Another potential cost to consider when dissolving an LLC in Indiana is the impact on taxes. Depending on the structure of the LLC and how it is classified for tax purposes, there may be tax implications associated with the dissolution process. Business owners should consult with a tax professional to understand how dissolving the LLC may affect their tax obligations and to ensure that they are in compliance with state and federal tax laws.

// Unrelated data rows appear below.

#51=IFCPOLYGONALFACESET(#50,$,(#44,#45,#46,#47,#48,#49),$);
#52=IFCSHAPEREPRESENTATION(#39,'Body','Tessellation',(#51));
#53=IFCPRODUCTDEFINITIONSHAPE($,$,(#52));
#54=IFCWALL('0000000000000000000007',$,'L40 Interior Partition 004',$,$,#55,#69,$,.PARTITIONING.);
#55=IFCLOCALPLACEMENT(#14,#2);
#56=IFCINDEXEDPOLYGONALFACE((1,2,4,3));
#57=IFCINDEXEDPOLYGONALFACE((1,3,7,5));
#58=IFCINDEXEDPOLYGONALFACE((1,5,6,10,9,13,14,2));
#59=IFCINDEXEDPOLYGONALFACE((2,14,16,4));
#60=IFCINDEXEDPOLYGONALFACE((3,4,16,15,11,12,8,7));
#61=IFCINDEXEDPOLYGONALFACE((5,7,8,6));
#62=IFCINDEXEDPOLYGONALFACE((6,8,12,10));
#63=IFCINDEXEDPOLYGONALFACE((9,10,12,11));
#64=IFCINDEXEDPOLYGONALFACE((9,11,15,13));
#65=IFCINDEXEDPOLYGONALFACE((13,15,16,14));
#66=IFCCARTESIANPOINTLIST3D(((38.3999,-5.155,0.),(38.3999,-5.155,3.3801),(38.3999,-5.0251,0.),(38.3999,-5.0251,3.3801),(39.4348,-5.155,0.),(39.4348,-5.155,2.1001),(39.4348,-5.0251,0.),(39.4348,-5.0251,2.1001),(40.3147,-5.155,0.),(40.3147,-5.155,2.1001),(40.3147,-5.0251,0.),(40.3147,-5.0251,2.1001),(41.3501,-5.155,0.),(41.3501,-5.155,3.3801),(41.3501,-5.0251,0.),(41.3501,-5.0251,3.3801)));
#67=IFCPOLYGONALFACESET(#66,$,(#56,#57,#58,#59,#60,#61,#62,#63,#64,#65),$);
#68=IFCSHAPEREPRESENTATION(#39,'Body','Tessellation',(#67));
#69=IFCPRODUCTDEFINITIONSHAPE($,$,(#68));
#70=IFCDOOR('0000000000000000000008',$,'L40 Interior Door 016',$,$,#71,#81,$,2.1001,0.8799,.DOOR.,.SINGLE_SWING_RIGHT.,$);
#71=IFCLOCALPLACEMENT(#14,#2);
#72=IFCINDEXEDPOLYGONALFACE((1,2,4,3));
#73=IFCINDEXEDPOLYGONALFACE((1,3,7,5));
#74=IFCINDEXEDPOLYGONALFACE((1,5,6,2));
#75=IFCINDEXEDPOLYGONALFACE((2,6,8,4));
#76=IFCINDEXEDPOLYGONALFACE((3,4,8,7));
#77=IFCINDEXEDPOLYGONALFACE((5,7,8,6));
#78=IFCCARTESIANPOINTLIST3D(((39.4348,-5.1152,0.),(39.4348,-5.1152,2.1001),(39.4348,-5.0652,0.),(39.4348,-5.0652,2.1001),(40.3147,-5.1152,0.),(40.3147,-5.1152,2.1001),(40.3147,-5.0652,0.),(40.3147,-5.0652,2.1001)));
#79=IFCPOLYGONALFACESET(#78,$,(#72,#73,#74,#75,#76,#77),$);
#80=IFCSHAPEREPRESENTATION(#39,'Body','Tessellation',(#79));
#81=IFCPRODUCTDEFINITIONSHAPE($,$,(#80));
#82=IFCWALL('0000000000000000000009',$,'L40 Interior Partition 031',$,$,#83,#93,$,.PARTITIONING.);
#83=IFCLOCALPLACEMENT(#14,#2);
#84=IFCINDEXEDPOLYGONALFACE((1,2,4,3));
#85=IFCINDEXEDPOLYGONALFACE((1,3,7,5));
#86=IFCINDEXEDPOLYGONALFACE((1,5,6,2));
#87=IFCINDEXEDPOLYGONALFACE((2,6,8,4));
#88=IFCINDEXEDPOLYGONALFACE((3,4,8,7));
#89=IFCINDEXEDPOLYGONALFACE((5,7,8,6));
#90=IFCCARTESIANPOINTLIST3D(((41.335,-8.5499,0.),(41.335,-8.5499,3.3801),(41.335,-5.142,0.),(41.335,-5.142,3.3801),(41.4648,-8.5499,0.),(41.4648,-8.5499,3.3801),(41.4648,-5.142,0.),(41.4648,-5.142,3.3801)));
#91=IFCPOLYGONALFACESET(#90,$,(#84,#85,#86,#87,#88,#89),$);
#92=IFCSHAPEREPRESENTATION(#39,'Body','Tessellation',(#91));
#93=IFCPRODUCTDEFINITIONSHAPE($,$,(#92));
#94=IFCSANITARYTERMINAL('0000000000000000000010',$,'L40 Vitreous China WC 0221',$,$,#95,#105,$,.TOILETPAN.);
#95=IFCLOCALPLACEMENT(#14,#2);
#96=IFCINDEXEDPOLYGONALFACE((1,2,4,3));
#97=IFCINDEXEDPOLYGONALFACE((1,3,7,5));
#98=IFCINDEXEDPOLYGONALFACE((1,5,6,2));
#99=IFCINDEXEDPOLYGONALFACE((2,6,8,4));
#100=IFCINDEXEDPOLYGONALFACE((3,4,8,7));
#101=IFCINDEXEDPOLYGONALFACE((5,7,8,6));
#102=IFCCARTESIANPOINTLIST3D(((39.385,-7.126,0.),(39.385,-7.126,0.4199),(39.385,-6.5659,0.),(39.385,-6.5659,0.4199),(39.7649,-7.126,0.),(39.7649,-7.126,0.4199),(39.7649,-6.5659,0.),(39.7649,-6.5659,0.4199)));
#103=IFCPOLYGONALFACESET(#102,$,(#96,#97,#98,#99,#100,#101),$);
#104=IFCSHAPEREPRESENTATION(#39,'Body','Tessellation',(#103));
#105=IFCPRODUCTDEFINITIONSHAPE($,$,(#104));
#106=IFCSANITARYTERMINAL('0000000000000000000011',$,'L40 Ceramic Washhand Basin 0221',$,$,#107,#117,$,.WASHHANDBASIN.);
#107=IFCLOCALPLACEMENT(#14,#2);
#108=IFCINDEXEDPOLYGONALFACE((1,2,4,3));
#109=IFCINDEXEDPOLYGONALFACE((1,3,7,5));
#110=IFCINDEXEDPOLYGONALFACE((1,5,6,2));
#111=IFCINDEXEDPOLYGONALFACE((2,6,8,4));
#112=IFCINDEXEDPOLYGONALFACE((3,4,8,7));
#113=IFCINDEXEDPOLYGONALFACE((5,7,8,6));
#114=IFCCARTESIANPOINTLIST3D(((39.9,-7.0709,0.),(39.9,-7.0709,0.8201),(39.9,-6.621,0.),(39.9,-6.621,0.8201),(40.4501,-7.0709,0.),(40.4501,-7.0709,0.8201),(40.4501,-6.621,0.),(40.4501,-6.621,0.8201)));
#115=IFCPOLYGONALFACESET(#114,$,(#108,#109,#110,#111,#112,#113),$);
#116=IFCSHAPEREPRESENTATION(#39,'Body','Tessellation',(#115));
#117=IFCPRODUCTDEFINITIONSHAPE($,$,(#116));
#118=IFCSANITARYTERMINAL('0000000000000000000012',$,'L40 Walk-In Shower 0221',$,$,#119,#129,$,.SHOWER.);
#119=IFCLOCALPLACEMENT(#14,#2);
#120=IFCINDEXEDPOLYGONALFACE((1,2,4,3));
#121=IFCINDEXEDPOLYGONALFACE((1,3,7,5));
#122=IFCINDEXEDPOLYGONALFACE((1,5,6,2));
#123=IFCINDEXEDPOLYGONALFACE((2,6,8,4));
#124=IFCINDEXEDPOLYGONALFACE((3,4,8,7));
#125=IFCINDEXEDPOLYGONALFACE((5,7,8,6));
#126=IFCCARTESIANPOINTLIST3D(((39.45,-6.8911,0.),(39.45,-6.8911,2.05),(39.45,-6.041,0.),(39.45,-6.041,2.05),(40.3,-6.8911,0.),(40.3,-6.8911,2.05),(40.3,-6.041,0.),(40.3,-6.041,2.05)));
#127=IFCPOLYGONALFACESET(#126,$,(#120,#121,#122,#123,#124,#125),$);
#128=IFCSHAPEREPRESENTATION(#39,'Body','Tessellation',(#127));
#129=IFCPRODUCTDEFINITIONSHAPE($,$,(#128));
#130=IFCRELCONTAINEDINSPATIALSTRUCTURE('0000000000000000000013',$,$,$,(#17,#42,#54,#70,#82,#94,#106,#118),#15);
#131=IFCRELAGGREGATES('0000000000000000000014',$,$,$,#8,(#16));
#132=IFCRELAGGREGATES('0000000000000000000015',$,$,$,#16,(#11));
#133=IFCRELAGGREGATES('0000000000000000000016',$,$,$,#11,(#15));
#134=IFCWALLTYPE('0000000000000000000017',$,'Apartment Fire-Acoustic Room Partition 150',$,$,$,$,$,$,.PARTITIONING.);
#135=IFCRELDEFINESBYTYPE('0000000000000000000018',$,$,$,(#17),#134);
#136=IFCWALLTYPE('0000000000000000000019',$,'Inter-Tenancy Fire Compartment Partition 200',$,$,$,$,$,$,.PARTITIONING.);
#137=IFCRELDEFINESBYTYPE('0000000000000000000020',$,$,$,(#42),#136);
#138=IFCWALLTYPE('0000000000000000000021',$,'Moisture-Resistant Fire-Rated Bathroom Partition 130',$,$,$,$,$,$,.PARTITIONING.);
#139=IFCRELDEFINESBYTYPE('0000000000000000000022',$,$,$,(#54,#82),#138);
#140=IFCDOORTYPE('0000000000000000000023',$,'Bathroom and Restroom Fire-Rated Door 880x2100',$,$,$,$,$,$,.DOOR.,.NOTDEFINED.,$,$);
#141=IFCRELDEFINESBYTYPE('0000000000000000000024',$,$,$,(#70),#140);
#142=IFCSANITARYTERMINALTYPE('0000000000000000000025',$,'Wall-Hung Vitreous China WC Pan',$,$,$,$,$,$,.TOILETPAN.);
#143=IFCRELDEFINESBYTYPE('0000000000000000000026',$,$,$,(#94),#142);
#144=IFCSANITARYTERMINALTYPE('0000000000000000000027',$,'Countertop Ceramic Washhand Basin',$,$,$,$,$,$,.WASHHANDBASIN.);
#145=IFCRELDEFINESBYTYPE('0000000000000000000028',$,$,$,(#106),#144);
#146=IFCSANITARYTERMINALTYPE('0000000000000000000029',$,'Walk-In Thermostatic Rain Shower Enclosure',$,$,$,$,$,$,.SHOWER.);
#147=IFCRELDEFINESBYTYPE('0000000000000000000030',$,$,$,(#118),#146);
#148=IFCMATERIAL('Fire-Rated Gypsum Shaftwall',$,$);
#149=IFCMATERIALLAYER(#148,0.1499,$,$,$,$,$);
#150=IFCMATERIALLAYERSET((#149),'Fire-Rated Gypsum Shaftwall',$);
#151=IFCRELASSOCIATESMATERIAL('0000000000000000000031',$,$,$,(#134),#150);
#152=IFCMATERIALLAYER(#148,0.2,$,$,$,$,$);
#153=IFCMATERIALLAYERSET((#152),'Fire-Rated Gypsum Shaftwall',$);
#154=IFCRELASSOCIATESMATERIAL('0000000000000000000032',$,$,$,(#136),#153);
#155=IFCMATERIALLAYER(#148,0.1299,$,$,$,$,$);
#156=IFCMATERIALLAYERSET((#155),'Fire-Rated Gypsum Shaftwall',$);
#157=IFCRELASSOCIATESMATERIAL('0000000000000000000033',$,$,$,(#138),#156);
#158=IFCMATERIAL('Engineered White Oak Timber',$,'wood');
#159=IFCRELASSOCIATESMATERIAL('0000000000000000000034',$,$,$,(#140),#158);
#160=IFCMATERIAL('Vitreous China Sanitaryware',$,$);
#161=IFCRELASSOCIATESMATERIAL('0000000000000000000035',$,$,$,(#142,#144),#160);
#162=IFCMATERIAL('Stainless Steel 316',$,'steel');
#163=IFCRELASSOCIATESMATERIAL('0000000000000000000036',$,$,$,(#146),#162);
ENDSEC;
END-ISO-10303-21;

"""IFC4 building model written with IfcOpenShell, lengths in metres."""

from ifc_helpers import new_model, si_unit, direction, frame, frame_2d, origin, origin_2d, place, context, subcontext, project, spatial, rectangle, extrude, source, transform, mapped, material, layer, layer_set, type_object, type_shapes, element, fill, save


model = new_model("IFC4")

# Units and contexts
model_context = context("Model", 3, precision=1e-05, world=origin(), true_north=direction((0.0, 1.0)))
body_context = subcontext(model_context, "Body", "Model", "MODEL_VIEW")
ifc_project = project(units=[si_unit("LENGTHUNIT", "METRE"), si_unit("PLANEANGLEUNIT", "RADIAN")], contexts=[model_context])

Ultimately, while there are costs associated with dissolving an LLC in Indiana, it’s important for business owners to weigh these costs against the benefits of winding down their business. Whether an LLC is facing financial difficulties, changes in ownership, or simply no longer serves its intended purpose, properly dissolving the company is an important step in closing this chapter of the business’s history and moving forward.

In conclusion, dissolving an LLC in Indiana can be a costly process, but it’s important for business owners to understand the potential expenses involved in order to make an informed decision about the best course of action for their business. By carefully considering the filing fees, legal costs, tax implications, and other expenses associated with dissolution, business owners can navigate the process more effectively and ensure a smooth transition as they wind down their business operations.

In Conclusion

Limited liability companies reduce owners’ personal liability. Having an LLC is quite cost-effective. However, if it is required to close down the business, then the dissolution process should be done legally. Get a professional service to get everything done. We hope this article helps you to close your LLC in Indiana. If you have any query do let us know in the comment box.